Use of visualization of th ROC curve

In [None]:
plt.figure(figsize=(8,6))
for name, model in models.items():
    y_prob = model.predict_proba(X_test)[:,1]
    fpr, tpr, _ = roc_curve(y_test, y_prob)
    plt.plot(fpr, tpr, label=name)
plt.plot([0,1],[0,1],'k--')
plt.title("ROC Curves")
plt.xlabel("False Positive Rate")
plt.ylabel("True Positive Rate")
plt.legend()
plt.show()

plt.figure(figsize=(8,6))
for name, model in models.items():
    y_prob = model.predict_proba(X_test)[:,1]
    prec, rec, _ = precision_recall_curve(y_test, y_prob)
    plt.plot(rec, prec, label=name)
plt.title("Precision-Recall Curves")
plt.xlabel("Recall")
plt.ylabel("Precision")
plt.legend()
plt.show()


The ROC curves and Precision-Recall curves allow us to visually compare the performance of different models in distinguishing between stroke and non-stroke cases.

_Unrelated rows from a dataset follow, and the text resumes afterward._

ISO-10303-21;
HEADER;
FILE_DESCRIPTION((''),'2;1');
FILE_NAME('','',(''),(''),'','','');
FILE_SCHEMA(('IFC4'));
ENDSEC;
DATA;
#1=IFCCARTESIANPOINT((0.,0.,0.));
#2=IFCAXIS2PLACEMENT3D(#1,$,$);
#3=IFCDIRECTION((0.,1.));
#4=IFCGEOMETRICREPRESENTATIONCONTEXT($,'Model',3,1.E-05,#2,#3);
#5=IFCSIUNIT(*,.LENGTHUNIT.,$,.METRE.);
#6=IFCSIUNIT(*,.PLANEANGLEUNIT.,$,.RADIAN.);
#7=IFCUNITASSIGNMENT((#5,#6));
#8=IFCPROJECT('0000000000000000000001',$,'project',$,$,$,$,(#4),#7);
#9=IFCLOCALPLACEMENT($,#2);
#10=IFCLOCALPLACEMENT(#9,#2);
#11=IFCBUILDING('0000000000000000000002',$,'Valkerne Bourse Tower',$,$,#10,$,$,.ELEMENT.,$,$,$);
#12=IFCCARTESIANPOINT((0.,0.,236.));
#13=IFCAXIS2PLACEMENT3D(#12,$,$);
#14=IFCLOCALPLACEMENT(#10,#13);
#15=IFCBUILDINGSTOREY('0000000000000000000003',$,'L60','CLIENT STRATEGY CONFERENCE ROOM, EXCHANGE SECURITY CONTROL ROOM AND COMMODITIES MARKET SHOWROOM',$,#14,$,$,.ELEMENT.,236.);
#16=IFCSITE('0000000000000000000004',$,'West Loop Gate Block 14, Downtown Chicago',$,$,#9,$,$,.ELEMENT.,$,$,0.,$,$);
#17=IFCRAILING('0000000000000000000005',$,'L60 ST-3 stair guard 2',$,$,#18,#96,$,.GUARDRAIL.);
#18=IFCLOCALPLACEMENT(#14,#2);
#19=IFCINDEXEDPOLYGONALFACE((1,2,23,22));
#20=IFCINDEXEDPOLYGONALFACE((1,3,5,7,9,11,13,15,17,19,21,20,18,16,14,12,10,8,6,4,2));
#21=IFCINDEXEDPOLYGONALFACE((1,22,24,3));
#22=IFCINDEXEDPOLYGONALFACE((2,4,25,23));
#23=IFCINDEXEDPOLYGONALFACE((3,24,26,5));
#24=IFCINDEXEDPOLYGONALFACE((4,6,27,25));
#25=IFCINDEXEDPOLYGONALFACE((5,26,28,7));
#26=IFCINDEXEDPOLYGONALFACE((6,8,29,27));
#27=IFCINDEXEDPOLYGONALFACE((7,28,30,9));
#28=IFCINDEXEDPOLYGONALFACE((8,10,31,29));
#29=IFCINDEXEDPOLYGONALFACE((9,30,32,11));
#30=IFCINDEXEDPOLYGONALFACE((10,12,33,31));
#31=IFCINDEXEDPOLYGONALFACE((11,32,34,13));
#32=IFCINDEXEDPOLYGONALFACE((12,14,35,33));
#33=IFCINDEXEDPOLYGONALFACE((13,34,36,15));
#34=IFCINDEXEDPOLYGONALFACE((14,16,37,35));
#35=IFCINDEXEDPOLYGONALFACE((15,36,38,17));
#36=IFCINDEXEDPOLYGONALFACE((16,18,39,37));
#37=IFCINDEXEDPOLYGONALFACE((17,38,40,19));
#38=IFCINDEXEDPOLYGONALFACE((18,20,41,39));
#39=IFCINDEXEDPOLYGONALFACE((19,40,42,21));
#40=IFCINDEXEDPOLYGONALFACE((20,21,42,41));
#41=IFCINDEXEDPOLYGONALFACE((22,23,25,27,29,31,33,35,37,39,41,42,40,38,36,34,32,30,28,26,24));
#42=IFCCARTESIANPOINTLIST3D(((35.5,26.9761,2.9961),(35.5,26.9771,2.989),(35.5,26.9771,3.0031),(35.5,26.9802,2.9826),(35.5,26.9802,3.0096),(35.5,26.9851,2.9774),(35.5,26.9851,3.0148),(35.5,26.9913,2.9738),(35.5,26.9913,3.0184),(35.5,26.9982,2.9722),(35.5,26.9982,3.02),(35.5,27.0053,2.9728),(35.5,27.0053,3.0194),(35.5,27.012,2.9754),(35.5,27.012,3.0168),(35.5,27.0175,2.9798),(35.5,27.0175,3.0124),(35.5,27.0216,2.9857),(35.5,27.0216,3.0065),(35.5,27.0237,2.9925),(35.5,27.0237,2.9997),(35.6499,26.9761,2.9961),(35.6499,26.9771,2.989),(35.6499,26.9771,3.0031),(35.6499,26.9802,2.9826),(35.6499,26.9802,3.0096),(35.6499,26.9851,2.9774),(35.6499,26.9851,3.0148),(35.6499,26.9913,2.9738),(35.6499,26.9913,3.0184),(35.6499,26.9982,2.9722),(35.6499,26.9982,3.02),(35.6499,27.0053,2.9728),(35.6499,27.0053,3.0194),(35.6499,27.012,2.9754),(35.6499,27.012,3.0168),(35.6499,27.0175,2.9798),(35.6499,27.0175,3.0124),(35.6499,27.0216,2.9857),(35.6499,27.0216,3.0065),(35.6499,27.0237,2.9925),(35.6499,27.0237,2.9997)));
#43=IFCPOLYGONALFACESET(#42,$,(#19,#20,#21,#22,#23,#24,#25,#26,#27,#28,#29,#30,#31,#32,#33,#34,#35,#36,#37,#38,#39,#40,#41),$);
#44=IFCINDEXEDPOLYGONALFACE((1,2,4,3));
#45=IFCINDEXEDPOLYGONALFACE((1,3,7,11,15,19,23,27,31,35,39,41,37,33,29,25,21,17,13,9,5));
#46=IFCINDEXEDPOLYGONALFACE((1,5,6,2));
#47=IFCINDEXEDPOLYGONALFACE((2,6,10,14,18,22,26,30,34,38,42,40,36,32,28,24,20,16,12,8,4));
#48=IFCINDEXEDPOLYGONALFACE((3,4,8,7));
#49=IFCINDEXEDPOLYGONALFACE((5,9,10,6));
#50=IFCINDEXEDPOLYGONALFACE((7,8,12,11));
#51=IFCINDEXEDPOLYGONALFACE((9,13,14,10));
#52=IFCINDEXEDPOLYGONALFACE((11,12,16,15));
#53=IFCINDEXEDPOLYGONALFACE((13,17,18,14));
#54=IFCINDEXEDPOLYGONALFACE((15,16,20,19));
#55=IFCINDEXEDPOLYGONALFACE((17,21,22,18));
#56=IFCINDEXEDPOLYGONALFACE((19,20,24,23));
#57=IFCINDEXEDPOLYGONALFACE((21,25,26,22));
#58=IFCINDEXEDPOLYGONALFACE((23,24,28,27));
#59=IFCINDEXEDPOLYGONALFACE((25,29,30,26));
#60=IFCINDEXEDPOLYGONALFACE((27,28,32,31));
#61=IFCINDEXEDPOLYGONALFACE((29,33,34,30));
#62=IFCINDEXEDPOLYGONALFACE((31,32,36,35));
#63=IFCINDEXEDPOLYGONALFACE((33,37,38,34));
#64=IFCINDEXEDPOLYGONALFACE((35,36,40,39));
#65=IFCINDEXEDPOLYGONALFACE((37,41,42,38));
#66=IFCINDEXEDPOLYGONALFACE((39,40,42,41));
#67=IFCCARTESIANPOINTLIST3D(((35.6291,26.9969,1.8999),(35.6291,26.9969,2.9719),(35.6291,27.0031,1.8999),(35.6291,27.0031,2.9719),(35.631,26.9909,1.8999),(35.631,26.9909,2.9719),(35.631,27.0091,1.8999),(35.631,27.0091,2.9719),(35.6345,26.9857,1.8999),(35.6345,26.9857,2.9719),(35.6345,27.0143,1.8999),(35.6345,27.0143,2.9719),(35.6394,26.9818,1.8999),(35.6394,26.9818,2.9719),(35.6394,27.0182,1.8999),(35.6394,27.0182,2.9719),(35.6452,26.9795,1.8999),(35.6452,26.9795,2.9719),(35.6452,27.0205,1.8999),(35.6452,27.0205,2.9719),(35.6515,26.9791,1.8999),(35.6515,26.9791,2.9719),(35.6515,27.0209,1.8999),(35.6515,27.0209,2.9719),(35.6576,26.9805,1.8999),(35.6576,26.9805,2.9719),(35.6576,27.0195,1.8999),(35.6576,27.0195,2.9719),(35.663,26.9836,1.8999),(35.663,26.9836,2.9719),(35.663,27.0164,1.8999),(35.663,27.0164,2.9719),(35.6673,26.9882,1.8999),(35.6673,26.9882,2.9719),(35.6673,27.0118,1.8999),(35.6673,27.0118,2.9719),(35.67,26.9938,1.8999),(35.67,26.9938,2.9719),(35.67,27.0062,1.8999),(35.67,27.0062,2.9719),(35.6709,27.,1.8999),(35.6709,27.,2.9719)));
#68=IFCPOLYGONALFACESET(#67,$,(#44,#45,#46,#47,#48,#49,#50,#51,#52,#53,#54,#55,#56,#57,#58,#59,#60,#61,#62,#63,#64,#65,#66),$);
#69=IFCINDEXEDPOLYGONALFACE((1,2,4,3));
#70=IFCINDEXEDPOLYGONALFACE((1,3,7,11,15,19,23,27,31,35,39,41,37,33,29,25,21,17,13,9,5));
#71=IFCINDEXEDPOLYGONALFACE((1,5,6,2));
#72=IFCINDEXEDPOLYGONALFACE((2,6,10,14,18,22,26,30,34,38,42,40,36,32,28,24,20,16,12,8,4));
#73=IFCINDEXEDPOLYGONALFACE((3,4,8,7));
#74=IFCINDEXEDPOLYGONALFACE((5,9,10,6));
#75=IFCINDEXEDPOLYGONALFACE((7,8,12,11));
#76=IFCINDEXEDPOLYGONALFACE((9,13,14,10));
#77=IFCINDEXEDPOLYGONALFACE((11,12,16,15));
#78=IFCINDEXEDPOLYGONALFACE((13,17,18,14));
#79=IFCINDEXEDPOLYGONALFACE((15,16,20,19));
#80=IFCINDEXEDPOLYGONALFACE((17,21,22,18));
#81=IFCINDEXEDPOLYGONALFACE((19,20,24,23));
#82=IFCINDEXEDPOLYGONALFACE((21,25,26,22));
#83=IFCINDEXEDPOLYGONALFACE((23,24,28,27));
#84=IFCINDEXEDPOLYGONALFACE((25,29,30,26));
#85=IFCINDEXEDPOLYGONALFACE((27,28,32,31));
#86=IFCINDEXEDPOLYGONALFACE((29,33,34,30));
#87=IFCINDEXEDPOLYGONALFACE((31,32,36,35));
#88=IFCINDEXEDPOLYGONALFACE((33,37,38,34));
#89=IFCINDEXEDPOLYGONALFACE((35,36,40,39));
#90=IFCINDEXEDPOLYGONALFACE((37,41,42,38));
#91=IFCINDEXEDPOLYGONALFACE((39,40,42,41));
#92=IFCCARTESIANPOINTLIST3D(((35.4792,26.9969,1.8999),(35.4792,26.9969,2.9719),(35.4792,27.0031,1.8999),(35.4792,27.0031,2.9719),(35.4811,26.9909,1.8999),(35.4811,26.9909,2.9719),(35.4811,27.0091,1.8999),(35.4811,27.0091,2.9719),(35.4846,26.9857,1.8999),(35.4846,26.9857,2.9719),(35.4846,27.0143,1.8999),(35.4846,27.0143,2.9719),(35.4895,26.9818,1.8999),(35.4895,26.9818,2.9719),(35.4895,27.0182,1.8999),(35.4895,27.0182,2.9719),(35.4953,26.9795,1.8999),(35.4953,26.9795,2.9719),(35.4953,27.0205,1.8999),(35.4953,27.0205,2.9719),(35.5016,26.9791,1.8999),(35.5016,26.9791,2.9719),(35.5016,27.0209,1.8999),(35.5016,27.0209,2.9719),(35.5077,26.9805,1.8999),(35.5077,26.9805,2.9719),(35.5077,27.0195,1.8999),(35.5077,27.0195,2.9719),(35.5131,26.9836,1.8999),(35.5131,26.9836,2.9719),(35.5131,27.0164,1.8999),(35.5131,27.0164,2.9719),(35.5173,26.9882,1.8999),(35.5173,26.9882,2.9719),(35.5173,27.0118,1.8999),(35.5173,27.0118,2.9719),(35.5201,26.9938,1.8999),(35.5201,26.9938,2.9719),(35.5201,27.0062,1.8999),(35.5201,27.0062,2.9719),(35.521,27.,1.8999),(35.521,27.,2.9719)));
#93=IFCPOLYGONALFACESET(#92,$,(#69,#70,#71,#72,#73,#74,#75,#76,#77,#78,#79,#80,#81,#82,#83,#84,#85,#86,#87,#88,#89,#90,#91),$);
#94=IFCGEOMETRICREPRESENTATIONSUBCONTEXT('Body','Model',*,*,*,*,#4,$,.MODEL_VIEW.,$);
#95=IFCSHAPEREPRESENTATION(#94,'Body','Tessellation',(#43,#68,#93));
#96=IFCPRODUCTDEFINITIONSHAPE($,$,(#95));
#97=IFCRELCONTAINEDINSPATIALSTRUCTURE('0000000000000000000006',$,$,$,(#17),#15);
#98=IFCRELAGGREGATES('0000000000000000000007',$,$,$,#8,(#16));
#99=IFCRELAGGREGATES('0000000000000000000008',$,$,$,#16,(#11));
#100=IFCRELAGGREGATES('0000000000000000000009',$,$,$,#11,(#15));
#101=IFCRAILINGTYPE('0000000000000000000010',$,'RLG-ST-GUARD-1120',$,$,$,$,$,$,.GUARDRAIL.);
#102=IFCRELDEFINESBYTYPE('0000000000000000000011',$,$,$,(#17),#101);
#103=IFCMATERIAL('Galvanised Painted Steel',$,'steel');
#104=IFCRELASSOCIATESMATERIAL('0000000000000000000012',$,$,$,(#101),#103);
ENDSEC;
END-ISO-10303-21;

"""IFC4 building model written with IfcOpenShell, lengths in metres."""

from ifc_helpers import new_model, si_unit, direction, frame, origin, origin_2d, place, context, subcontext, project, spatial, circle, extrude, material, type_object, element, save


model = new_model("IFC4")

# Units and contexts
model_context = context("Model", 3, precision=1e-05, world=origin(), true_north=direction((0.0, 1.0)))
body_context = subcontext(model_context, "Body", "Model", "MODEL_VIEW")
ifc_project = project(units=[si_unit("LENGTHUNIT", "METRE"), si_unit("PLANEANGLEUNIT", "RADIAN")], contexts=[model_context])

# Site, building, storey
site_placement = place(None, origin())
site = spatial("IfcSite", under=ifc_project, at=site_placement, Name="West Loop Gate Block 14, Downtown Chicago", CompositionType="ELEMENT", RefElevation=0.0)
building_placement = place(site_placement, origin())
building = spatial("IfcBuilding", under=site, at=building_placement, Name="Valkerne Bourse Tower", CompositionType="ELEMENT")
storey_placement = place(building_placement, frame((0.0, 0.0, 236.0)))
storey = spatial("IfcBuildingStorey", under=building, at=storey_placement, Name="L60", Description="CLIENT STRATEGY CONFERENCE ROOM, EXCHANGE SECURITY CONTROL ROOM AND COMMODITIES MARKET SHOWROOM", CompositionType="ELEMENT", Elevation=236.0)

# Railing
ifc_material_1 = material(Name="Galvanised Painted Steel", Category="steel")
railing_type_1 = type_object("IfcRailingType", Name="RLG-ST-GUARD-1120", PredefinedType="GUARDRAIL", material=ifc_material_1)
railing_1_placement = place(storey_placement, frame((35.6499, 27.0, 1.8999)))
element("IfcRailing", 1, at=railing_1_placement, inside=storey, type_object=railing_type_1, Name="L60 ST-3 stair guard 2", PredefinedType="GUARDRAIL", context=body_context, shape_type="SweptSolid", body=[
    extrude(circle(Radius=0.0239, at=origin_2d()), frame((0.0, 0.0, 1.0962), z_axis=(-1.0, 0.0, 0.0), x_axis=(0.0, -1.0, 0.0)), (0.0, 0.0, 1.0), 0.1499),
    extrude(circle(Radius=0.021, at=origin_2d()), origin(), (0.0, 0.0, 1.0), 1.072),
    extrude(circle(Radius=0.021, at=origin_2d()), frame((-0.1499, 0.0, 0.0)), (0.0, 0.0, 1.0), 1.072),
])

save(model, "model.ifc")
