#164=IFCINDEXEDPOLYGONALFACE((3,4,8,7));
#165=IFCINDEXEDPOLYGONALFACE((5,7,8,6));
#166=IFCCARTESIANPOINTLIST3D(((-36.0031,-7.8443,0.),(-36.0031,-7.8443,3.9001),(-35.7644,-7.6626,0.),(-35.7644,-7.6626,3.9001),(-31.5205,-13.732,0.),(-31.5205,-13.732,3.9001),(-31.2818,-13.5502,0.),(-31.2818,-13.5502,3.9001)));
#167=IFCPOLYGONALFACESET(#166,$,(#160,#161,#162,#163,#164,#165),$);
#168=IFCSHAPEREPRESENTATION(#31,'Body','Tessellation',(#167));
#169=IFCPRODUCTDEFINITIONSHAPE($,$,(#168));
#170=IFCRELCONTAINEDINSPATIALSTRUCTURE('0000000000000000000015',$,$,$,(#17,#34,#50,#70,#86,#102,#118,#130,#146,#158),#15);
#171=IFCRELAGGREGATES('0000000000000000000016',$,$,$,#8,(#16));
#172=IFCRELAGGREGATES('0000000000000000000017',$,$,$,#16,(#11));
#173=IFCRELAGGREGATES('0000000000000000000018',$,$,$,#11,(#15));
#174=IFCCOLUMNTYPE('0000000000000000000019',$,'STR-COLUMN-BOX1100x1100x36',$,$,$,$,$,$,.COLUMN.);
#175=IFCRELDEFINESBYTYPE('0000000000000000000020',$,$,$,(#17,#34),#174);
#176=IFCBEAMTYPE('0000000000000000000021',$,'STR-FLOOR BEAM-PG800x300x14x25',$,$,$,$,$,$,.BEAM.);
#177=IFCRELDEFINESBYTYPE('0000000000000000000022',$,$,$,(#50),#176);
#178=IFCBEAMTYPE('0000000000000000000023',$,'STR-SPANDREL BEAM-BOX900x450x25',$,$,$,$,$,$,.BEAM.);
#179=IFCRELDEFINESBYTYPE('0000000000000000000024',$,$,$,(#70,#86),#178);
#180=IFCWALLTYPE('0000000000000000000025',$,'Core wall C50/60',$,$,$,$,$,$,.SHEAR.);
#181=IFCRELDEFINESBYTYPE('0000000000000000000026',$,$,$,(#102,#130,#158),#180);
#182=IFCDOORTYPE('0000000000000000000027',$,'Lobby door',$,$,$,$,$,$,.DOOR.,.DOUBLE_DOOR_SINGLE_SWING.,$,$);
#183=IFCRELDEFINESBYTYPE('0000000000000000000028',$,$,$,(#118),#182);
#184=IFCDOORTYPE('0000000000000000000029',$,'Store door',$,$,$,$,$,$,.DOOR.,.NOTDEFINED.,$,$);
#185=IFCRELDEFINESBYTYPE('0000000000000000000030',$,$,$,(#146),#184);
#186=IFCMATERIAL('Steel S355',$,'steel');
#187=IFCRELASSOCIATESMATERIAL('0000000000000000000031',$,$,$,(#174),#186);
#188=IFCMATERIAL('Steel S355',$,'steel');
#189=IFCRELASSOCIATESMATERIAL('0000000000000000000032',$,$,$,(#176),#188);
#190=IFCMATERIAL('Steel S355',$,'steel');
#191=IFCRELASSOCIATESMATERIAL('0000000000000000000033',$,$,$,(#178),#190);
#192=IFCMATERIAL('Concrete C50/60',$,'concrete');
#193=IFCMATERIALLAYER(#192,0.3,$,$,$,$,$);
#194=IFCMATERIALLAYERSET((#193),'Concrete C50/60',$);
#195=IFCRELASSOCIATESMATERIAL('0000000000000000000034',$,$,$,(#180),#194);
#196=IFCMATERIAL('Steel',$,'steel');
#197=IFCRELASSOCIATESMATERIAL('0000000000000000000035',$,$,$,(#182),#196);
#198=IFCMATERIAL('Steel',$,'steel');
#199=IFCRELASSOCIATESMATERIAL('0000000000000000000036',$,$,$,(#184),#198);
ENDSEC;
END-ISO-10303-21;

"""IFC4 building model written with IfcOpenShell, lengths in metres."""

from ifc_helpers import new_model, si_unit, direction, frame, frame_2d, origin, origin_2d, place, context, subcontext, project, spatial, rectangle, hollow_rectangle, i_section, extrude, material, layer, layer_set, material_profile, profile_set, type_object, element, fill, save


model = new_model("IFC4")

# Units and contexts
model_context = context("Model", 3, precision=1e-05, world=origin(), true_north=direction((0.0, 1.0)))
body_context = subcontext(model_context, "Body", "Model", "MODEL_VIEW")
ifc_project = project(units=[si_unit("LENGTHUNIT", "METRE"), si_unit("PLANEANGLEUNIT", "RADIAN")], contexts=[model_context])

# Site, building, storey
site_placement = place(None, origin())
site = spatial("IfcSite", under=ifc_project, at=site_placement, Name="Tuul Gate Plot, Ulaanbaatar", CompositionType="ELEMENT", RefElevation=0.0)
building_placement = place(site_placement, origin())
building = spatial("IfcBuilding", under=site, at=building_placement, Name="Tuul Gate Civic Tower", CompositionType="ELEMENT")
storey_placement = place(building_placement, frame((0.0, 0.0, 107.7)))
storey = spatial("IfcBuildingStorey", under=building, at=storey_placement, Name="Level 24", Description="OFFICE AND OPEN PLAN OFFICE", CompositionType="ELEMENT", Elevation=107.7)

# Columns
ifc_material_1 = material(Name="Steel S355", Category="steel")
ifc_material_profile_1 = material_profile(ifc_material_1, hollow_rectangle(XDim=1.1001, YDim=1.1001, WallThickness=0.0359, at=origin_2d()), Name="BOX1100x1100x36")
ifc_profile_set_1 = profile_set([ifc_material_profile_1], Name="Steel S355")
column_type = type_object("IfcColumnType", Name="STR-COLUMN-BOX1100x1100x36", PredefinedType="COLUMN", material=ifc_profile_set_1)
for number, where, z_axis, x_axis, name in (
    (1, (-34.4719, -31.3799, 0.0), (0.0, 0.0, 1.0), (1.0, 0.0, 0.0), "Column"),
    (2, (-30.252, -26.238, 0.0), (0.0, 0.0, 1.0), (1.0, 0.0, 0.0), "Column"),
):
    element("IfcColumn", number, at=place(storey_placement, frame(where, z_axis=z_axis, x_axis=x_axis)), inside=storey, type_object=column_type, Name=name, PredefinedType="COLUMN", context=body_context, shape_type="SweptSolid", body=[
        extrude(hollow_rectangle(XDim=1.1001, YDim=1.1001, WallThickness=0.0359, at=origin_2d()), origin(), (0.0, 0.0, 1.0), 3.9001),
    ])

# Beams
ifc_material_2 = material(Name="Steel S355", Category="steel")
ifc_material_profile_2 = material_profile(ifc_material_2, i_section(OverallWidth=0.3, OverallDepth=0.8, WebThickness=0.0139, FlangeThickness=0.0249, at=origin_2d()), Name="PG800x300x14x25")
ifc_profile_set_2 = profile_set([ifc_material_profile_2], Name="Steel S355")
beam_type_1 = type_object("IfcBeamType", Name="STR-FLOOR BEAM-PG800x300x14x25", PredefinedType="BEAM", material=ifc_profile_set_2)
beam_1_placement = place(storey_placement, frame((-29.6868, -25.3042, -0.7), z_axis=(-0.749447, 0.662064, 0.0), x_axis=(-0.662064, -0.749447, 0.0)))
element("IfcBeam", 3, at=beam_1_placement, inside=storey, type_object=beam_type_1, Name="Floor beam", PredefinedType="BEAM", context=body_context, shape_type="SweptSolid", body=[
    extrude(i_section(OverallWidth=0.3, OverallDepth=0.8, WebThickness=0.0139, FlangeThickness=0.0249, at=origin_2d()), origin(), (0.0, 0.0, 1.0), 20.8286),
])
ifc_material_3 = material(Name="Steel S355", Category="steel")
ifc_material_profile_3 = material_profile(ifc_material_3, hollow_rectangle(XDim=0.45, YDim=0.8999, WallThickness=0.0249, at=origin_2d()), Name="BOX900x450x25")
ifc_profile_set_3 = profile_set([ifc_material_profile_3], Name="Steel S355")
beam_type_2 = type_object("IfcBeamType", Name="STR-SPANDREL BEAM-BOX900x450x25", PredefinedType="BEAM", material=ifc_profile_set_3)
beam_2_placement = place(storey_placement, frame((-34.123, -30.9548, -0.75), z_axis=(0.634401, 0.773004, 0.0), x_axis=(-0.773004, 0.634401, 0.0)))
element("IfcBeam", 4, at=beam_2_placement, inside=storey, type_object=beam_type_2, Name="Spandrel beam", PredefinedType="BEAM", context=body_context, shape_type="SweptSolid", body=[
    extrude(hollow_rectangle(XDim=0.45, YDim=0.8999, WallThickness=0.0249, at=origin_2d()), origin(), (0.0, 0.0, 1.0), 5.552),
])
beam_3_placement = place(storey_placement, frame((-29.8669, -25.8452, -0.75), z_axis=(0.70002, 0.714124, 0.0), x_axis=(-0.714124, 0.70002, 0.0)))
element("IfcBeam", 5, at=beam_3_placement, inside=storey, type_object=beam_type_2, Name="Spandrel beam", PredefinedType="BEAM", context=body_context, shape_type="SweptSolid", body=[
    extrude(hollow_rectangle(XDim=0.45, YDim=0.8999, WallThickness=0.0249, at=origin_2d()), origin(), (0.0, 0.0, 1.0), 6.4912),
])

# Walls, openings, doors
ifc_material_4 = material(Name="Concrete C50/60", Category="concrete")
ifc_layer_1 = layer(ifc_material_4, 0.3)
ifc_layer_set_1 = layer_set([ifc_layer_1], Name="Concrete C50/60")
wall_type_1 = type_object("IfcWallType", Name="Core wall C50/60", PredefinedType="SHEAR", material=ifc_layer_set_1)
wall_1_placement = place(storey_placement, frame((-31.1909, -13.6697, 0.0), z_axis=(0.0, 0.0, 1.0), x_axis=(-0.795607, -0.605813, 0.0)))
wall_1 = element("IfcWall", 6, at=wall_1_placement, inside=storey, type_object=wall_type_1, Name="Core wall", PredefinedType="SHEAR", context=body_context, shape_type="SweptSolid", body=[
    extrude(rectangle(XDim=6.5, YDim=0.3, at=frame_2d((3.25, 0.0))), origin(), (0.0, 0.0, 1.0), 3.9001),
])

ROC Curves: The ROC curve plots the True Positive Rate against the False Positive Rate at different thresholds. A model with a curve closer to the top-left corner demonstrates better discrimination. We can see that the Random Forest and XGBoost models outperform the baseline Decision Tree in terms of ROC-AUC.

Precision-Recall Curves: Given the class imbalance in the dataset, Precision-Recall curves are particularly informative. They show the trade-off between precision (positive predictive value) and recall (sensitivity) for each threshold. Models trained with class weighting and SMOTE demonstrate improved recall without sacrificing too much precision, indicating they are better at correctly identifying stroke cases.

Overall, these curves confirm that handling class imbalance and tuning hyperparameters significantly improves model performance, especially for the minority class.